The one thing I’m feeling more confident about after this discussion is that, at the very least, the restriction to orthogonal matrices is itself pretty arbitrary. So I could see entirely abandoning that and focusing on a better interpretation of the highly correlated latent variables that result from the original model. I can imagine using Procrustes rotations to ‘fix’ label switching and reflections in a post-hoc summary, and maybe the implicit priors there are more reasonable?

I very much appreciate the input I’ve gotten from both of you. Thanks!

Just a word of warning – sparsity of factor loadings almost always doesn’t really make sense because of these degeneracy issues. In order to even define sparsity in a well-defined way one has to first find an appropriate, interpretable basis where some collection of latent variables can be shrunk towards zero independently of each other. No surprise this is intimately related to being able to build an interpretable prior model even before considering sparsity.

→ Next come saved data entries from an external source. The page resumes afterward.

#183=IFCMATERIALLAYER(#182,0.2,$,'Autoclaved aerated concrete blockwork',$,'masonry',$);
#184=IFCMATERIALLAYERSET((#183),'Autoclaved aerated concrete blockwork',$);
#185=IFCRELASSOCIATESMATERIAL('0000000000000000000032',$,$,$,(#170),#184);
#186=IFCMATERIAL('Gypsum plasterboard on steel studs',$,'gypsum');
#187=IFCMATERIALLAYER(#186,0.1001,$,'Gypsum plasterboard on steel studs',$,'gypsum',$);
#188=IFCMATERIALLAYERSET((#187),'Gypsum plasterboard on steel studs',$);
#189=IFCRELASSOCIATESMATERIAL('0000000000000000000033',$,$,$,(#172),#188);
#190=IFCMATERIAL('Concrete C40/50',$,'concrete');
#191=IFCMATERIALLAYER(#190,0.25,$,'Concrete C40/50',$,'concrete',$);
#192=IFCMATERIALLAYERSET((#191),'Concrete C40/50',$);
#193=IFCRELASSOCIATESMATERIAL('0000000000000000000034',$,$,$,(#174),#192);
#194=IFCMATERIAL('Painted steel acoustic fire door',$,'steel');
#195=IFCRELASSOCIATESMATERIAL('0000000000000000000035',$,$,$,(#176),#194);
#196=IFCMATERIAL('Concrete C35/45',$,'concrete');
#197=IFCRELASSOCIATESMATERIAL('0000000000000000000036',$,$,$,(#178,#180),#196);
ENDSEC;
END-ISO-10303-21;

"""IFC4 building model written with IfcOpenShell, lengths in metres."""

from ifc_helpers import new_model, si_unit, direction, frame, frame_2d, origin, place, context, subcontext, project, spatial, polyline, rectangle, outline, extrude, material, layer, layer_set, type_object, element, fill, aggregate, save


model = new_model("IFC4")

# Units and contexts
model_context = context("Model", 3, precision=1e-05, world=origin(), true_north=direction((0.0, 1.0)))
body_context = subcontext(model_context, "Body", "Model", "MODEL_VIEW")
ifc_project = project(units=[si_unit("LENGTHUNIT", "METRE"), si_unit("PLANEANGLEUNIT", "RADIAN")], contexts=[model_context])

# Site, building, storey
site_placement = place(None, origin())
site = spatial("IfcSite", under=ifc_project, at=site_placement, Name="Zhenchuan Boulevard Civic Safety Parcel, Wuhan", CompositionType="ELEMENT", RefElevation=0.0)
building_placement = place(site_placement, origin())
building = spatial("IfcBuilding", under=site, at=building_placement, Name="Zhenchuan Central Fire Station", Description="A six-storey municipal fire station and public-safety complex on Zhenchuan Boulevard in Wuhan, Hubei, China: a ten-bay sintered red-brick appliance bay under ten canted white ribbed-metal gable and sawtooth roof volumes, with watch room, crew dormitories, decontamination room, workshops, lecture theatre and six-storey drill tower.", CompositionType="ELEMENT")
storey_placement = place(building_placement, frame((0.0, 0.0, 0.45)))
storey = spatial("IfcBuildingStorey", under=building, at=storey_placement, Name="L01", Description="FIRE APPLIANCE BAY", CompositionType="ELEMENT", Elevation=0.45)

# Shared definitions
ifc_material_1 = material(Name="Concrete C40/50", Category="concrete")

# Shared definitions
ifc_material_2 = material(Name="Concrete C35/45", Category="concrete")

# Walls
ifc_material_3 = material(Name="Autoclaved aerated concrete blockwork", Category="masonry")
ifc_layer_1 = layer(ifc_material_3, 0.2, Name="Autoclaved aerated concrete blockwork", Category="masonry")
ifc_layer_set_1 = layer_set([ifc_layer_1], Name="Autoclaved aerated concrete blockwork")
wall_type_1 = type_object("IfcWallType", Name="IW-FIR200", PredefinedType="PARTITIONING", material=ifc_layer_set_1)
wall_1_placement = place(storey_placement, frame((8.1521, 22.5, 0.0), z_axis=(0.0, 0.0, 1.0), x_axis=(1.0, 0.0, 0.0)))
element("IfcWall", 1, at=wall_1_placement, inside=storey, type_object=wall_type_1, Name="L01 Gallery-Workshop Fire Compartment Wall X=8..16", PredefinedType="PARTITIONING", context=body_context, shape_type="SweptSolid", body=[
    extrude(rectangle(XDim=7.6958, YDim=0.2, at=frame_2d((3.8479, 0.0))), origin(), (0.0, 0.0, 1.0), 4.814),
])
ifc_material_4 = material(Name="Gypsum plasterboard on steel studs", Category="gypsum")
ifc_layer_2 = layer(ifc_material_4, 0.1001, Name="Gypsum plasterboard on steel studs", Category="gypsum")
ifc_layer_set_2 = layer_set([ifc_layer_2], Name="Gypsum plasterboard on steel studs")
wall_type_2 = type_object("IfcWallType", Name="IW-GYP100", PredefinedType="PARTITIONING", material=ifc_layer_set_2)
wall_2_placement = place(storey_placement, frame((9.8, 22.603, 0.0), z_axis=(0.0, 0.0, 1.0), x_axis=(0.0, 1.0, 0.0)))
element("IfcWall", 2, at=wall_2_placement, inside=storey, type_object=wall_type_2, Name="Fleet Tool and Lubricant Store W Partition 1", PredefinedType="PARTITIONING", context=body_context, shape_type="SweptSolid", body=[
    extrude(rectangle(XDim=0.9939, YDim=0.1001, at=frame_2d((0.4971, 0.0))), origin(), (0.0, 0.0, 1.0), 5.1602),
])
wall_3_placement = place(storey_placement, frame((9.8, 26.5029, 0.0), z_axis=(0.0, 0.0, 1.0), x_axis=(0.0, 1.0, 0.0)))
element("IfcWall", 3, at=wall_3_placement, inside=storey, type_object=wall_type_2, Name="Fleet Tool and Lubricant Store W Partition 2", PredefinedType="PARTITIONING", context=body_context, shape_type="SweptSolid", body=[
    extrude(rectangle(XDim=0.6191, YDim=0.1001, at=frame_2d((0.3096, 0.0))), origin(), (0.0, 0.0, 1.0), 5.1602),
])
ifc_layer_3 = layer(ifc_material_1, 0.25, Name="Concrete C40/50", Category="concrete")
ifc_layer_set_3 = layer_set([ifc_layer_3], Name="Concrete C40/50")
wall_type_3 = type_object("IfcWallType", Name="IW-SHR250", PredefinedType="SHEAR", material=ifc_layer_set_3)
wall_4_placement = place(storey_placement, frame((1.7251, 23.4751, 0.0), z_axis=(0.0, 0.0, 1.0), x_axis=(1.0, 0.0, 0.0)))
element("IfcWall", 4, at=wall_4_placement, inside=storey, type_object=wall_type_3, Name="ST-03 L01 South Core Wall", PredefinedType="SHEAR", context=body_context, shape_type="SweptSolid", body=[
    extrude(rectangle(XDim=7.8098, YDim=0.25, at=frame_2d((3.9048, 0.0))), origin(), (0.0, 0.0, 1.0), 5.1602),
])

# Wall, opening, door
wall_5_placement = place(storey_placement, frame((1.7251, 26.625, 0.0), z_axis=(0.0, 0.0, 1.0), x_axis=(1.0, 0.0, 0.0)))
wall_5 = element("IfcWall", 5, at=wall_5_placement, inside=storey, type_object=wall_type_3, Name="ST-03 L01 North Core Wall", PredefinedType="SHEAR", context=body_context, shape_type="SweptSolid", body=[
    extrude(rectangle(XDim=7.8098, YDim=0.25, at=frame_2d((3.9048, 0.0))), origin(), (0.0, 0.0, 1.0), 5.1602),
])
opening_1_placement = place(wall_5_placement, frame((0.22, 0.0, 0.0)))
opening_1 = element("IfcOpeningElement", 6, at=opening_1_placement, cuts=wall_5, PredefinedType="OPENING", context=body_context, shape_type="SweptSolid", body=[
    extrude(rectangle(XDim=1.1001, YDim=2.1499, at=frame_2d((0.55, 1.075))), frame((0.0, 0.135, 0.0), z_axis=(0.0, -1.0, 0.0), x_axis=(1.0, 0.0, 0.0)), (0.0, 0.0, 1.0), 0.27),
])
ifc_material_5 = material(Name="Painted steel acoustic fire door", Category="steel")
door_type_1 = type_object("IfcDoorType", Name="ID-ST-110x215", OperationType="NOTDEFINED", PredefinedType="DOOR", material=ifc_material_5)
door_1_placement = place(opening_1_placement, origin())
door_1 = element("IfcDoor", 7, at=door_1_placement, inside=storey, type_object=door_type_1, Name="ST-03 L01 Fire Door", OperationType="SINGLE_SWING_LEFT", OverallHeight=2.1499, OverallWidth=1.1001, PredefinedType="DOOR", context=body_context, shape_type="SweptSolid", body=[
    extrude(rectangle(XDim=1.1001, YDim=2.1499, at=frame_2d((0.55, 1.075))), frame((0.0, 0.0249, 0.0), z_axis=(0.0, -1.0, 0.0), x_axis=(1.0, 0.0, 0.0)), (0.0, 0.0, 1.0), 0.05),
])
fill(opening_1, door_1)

In my opinion, no. I know a colleague working on a really exciting exchangeable prior model for latent factor models that I think will be really, really important but unfortunately there is nothing yet that I can share.

I think so.

It might very well capture a larger set of reasonable hypotheses, but so long as you’re not capturing all of the hypotheses supported by your model you are never going to be able to adequately critique that model. In particular you’ll never be able to discriminate between problems with the model, problems with the assumed experimental design, and problems with just happening to have found a poor mode. Sure you can still throw the fit at heuristic predictive metrics, and maybe you’ll even do better on those metrics, but are you actually understanding your model and how it generalizes?

In order to build a more principled analysis it’s almost always (as in 1 - \epsilon) better to start with a simpler, less degenerate model and build from there. You might not get to include all of the parameters – or even all of the data – you want to, but at least you’ll be starting at a place where you can properly critique the limitations of that model.

This includes, for example, implicit prior models. If you can accurate fit an implicit prior model and any resulting posterior distributions then you can accurate examine the consequences of that model and how consistent they might be with your domain expertise. There may very well be some set of rotations and positivity constraints that restrict the latent factor model to some well-defined subspace that can be fit and critiqued, in which case you can actually determine if it’s good enough for your analysis or not. But if you can’t fit the full model then you’ll never be able to fully characterize the consequences of that implicit prior model.

1 Like

Thanks for all of this. I suppose I will stop chasing this rabbit. There are many individual questions that I was trying to solve in a single PCA-type model, which can surely be asked from a more targeted framework.